We all have our own preferred remedy. Mine is entirely preventative. Before going to bed, I take three Advils and a B-vitamin. More often than not, I wake up feeling fine. I also drink a lot of water, both during a drinking session and before retiring. I don’t think of it as a cure — indeed, I don’t believe there can actually be a cure — but for me it tends to head off the symtoms before they manifest themselves as discomfort or downright pain.
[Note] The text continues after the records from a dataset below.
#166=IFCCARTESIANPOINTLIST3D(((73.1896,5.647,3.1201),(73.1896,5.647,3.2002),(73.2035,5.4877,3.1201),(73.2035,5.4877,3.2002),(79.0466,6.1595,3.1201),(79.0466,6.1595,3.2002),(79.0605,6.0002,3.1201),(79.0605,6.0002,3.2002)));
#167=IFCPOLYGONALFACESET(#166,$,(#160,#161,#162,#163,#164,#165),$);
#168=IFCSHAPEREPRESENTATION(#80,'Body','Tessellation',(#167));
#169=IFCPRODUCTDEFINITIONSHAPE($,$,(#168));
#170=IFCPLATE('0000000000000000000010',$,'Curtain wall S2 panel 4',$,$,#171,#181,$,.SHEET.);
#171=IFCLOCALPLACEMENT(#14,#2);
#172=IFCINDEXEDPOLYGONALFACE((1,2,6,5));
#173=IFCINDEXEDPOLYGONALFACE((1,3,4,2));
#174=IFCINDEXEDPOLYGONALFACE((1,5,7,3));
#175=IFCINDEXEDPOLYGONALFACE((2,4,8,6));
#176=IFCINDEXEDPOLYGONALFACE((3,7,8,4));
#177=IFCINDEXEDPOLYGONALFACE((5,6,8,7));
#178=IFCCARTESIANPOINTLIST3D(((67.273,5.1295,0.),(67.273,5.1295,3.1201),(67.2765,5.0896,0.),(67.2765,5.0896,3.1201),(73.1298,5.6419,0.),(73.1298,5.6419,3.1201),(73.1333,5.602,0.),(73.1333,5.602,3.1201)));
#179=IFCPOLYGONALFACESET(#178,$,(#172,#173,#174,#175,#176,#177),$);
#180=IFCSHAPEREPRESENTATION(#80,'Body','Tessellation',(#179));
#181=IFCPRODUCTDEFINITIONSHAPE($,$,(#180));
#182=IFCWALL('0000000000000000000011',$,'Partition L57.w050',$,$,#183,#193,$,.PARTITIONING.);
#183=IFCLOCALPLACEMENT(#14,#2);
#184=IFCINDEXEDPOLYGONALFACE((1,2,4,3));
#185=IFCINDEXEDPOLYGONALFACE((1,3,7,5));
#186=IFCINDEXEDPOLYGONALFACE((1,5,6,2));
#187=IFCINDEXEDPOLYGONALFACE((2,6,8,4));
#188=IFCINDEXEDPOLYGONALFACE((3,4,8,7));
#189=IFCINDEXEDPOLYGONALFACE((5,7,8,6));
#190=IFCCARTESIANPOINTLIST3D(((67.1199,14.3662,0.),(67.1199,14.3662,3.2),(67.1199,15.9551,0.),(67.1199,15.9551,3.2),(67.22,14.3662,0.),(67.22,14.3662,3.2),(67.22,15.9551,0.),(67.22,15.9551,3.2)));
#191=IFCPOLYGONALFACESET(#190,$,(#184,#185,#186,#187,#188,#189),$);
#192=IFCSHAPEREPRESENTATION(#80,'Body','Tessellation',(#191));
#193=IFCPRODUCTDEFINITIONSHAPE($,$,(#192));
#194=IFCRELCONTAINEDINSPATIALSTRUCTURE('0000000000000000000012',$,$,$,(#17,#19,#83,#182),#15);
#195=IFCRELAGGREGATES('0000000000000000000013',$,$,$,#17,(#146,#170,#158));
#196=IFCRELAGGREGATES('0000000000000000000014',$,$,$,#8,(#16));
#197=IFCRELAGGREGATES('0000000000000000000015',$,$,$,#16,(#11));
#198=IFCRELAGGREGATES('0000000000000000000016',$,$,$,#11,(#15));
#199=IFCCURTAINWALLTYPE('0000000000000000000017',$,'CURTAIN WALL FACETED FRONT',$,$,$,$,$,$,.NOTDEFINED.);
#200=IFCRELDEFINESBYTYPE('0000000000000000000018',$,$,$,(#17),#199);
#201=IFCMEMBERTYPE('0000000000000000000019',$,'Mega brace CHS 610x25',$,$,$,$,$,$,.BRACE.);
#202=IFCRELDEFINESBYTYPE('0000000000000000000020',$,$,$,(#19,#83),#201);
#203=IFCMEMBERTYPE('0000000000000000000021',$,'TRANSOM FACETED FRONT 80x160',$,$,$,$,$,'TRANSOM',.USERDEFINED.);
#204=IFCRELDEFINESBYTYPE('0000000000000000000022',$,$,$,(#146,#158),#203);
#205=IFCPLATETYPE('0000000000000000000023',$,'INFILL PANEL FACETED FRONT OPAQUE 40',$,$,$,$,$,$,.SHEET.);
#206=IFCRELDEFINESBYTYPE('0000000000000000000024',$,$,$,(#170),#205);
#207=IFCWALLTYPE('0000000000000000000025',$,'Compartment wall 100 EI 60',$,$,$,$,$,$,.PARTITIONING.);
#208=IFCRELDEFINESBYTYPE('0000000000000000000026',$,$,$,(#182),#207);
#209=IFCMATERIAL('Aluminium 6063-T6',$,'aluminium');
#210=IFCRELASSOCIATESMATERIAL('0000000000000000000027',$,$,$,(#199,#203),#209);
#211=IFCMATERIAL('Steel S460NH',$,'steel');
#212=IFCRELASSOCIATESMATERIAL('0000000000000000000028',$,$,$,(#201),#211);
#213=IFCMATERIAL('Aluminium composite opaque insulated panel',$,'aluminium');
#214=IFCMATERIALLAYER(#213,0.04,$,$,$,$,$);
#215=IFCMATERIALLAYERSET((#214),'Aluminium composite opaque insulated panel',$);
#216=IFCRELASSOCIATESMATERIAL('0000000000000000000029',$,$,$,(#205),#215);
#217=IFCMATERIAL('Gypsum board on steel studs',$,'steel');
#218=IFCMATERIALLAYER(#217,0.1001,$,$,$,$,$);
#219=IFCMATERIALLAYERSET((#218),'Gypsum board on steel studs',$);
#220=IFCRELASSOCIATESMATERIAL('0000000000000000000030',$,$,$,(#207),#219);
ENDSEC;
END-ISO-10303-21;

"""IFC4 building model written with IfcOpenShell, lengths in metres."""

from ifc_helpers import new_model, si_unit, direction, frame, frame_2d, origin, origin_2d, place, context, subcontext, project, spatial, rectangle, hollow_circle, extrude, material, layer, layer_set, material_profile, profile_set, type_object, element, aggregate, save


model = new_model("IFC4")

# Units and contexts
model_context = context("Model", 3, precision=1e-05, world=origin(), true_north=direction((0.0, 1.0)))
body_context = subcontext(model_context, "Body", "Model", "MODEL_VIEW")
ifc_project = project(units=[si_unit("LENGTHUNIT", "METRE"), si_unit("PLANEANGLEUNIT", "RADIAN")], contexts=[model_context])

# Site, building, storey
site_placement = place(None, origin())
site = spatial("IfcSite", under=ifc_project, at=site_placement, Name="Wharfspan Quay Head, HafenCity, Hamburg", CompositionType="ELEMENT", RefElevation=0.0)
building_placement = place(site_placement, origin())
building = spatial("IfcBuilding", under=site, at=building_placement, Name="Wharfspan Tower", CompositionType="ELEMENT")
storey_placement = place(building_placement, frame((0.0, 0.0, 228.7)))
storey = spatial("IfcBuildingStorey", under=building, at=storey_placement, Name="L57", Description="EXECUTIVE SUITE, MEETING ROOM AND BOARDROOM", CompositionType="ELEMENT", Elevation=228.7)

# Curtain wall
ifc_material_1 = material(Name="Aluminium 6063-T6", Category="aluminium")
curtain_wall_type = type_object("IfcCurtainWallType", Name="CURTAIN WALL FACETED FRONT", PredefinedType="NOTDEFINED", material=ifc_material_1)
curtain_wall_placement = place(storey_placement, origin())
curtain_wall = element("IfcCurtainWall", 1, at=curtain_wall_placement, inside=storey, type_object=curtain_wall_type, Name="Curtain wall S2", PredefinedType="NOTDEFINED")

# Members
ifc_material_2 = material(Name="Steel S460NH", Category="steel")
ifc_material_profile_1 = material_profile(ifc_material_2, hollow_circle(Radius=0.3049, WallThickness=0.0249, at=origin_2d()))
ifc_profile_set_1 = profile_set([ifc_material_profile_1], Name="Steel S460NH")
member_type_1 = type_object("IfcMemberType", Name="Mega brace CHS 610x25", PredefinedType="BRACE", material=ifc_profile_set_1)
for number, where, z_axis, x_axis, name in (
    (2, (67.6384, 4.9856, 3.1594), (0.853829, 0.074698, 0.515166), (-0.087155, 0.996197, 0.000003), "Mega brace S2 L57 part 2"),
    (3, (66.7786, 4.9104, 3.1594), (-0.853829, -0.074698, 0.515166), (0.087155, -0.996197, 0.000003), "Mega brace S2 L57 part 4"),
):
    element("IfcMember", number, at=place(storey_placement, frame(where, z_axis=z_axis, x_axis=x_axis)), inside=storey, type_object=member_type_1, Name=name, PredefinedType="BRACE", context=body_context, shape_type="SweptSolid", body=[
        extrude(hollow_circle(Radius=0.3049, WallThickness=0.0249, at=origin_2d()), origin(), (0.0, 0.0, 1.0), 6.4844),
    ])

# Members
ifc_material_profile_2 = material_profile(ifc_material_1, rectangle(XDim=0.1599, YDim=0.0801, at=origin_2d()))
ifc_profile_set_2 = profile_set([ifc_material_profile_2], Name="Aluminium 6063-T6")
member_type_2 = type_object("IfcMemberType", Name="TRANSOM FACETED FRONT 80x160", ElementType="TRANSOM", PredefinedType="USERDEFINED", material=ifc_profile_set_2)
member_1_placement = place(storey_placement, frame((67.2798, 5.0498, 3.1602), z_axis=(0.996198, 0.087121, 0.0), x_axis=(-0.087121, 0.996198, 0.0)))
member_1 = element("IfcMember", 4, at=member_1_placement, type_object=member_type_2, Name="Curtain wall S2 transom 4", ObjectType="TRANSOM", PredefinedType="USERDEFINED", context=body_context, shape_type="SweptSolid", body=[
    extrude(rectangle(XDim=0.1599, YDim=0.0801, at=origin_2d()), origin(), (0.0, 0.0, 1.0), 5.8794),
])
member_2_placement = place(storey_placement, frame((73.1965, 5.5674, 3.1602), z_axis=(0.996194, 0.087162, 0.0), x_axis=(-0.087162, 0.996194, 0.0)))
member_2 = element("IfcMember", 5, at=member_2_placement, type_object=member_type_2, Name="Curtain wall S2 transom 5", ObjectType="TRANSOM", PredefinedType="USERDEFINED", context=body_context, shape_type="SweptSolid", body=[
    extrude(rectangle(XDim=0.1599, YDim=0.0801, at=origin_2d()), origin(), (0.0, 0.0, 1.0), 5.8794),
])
But companies keep taking P.T. Barnum’s prophetic words and proving them true, playing on our desire to do just about anything to speed up the recovery from a bad hangover. And in fact, two new ones are in the news today.
blowfish-tablets

Blowfish

Several news outlets, such as the NY Daily News, have the story that Blowfish tablets, recently approved by the FDA, is on the market, available for sale over-the-counter. The effervescent tablets “combine 1,000 milligrams of aspirin, 120 milligrams of caffeine and a stomach-soothing agent” which you dissolve in water the morning after. “Once dissolved in water, the remedy claims to knock out multiple hangover symptoms in just 15 to 30 minutes.” So far, it’s only for sale in New York City or at ForHangovers.com, and sells for $2.99 for a single dose, or $11.99 for a six-pack. Hmm.
hangover-patch

The Vitamin Patch

The Daily has a story today regarding a patch that you wear on your arm — like a nicotine patch — that time releases B vitamins. “Bytox Inc., has created a hangover patch that slowly releases a complex of B vitamins over eight hours — from the hour before you start drinking to the morning after. The idea, said Dr. Leonard Grossman, is that nutrients are immediately delivered into the bloodstream and stay there instead of being depleted.”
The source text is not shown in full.